In order to reduce biomass consumption, several energy-saving technologies have been developed. Indeed, from three (03) stones fireplace up to its improved version, efforts have been made especially for domestic cooking [8]. At the national level, the catalog of innovations includes several types of improved fireplaces with wood, charcoal and butane gas [9] [10]. As energy wood is increasingly scarce, researchers have tested fuels such as animal excrement [11], ethanol [12], rice crosses [13], paraffin [14] and so on. In addition, researchers have long prioritized sheet metal because of their low thermal inertia and their ease of access [15] [16]. For domestic use, this is practical because they are shock-resistant and easily transportable, but the efficiency of households between 15% and 17% is low [17]. On the other hand, for grilling activities, it is very important to take into account energy losses as well as the service life of the oven. In fact, the use of iron sheet increases energy losses and exposes the users to very high temperatures. In addition, the ovens, subjected to high temperatures, degrade very quickly [18]. As a result, energy, sanitary and hygienic constraints have been identified on the different technologies [19] [20]. These ovens consume huge amounts of charcoal and operate for a long time. Unfortunately, the techniques of charcoal production at the national level have very low performance (around 20%) [21].

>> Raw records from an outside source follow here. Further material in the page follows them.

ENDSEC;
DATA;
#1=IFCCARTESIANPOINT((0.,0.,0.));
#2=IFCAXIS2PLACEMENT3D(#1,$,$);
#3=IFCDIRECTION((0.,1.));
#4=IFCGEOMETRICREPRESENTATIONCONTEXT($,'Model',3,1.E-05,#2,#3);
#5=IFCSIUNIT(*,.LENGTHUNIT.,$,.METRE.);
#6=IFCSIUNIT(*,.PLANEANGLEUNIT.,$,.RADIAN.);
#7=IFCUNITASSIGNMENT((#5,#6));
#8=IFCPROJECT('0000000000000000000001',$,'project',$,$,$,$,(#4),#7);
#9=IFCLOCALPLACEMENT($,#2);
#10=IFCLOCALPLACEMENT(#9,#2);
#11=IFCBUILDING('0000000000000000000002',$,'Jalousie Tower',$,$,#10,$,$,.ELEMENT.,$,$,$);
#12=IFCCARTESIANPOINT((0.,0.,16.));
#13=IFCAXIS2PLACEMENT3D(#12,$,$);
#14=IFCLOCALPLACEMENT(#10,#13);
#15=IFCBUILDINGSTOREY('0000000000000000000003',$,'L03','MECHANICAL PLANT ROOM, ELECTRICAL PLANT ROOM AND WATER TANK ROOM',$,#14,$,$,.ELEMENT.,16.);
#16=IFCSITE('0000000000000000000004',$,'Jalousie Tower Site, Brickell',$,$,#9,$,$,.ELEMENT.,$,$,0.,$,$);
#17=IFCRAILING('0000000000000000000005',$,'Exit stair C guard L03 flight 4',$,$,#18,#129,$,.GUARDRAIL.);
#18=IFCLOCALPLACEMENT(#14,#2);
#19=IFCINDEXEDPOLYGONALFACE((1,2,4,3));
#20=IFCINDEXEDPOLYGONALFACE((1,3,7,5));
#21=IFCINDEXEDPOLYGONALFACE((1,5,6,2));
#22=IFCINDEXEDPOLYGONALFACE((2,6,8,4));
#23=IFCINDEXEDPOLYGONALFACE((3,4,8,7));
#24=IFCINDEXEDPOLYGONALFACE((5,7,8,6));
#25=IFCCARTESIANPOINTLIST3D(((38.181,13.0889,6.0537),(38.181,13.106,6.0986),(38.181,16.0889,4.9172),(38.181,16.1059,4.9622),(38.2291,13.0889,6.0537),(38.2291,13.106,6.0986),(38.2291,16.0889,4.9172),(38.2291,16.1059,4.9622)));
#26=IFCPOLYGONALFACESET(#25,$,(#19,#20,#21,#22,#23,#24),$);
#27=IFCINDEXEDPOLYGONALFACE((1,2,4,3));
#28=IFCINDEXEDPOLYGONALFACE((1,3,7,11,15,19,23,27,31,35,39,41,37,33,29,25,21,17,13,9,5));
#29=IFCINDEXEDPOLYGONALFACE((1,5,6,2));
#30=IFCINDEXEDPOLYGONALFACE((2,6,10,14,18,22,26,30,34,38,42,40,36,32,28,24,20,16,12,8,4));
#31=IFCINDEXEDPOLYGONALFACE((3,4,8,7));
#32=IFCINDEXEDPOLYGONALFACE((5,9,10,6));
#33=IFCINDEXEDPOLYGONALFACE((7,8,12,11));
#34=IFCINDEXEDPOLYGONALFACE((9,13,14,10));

In Burkina Faso, the low energy efficiency of the ovens has a negative impact on the grilling sector because the energy losses represent net losses of revenue for the actors.

Unfortunately, there are no scientific studies which highlight this problem.

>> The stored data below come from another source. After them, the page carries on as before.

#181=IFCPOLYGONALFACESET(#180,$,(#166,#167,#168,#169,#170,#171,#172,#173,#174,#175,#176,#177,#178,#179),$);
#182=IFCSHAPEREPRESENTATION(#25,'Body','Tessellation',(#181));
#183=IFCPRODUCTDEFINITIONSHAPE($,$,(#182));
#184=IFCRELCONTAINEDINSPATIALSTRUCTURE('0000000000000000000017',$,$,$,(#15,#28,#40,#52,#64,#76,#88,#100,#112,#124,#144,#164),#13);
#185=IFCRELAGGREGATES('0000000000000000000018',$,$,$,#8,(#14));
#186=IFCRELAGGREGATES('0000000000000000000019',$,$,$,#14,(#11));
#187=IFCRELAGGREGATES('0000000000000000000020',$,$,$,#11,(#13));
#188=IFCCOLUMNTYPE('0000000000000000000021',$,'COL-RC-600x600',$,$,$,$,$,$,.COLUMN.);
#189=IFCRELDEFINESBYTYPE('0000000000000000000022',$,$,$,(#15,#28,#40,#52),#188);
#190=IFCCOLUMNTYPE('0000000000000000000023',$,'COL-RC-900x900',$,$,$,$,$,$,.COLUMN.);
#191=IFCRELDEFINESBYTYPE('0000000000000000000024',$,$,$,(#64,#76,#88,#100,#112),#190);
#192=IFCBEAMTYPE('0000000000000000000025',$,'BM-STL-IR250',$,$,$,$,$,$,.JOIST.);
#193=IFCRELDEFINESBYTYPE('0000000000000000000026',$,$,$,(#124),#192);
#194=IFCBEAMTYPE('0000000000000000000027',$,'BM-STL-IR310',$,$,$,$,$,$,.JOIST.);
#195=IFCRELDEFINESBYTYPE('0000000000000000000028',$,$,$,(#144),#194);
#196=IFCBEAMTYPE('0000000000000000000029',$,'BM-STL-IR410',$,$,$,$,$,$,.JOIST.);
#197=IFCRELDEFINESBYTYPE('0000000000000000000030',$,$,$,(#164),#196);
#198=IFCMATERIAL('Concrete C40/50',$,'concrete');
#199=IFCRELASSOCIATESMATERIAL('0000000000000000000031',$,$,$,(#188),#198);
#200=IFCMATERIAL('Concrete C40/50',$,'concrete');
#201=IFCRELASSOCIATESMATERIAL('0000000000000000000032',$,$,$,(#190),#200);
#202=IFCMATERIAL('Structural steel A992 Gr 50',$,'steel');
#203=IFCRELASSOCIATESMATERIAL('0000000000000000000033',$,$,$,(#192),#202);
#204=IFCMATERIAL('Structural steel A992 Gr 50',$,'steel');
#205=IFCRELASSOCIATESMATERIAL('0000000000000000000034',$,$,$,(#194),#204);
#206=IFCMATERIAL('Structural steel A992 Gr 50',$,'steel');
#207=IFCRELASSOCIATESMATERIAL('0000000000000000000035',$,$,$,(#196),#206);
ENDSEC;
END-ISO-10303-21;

Therefore, the main objective of this work is to quantify the energy losses generated by these equipments through an experimental and numerical study. The results obtained should later motivate work to improve the energy efficiency of grilling equipment in Burkina Faso.

2. Experimental Study

2.1. Materials and Methods

2.1.1. Materials

A set of experimental equipment was used to characterize the thermal behavior of the most used oven model. We have among others:

· An oven made of iron sheets identical to the most common model. The dimensioning is done according to the needs of the user. In these ovens the charcoal is directly in contact with all the walls which have a thickness of 2 mm. The charcoal pan of our oven has the following dimensions: 1.2 m × 0.5 m × 0.2 m.

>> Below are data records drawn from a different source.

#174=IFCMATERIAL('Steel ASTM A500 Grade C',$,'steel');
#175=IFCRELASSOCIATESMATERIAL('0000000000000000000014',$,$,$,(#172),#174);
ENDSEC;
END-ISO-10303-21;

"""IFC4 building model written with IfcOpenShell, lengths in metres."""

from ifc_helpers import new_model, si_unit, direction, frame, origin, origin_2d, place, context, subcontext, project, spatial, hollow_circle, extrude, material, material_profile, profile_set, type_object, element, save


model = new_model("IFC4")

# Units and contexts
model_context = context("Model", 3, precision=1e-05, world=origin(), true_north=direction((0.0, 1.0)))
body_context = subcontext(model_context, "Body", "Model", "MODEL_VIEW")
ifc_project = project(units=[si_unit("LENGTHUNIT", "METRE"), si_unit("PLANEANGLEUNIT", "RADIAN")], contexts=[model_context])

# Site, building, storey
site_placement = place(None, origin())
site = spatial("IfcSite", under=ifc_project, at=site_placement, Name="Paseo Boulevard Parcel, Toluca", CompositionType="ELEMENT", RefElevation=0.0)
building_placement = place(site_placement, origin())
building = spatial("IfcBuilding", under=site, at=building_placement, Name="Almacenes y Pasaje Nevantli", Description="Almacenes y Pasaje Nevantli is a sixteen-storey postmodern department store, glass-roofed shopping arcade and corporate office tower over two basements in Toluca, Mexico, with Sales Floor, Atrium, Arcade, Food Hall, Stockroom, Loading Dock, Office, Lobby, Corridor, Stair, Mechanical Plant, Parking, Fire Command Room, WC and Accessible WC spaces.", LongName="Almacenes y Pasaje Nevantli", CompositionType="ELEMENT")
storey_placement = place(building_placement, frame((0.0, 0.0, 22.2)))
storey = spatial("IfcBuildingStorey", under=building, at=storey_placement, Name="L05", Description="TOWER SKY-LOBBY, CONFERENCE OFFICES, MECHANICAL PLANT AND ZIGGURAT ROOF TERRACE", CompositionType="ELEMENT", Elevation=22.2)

Figure 1 shows the oven and Figure 2 its diagram.

· Temperature recorders and thermocouples of type K (precision: 1.5˚C), a precision balance (precision: 1 g), a RAYCAM thermal imaging camera with measurement uncertainty of 2˚C and a combustion analyzer.

2.1.2. Methods

Four kilograms of charcoal were introduced into the oven corresponding for a grilling cycle. Before starting the charcoal burning, thermocouples were placed on the outer walls of the oven, on the grate and inside the combustion chamber.

Figure 1. Metallic oven.

Figure 2. Diagram of the metal oven.

The infrared captures of the oven, made at intervals of five (05) minutes, allows to follow temperature distribution on the external walls of the oven. The measurements were repeated sufficiently under the same conditions in order to have average values. The experiment has a duration of two (02) hours and at the end of each experiment, the charcoal has been extinguished, dried and weighed to determine the mass of fuel burned. In addition, we also monitor the production of gases such as carbon monoxide (CO), carbon dioxide (CO2), methane (CH4), dihydrogen ratio on the dinitrogen (H2:N2) to analyze the quality of the combustion. Figure 3 shows the experimental device and Figure 4 the diagram of the experimental device.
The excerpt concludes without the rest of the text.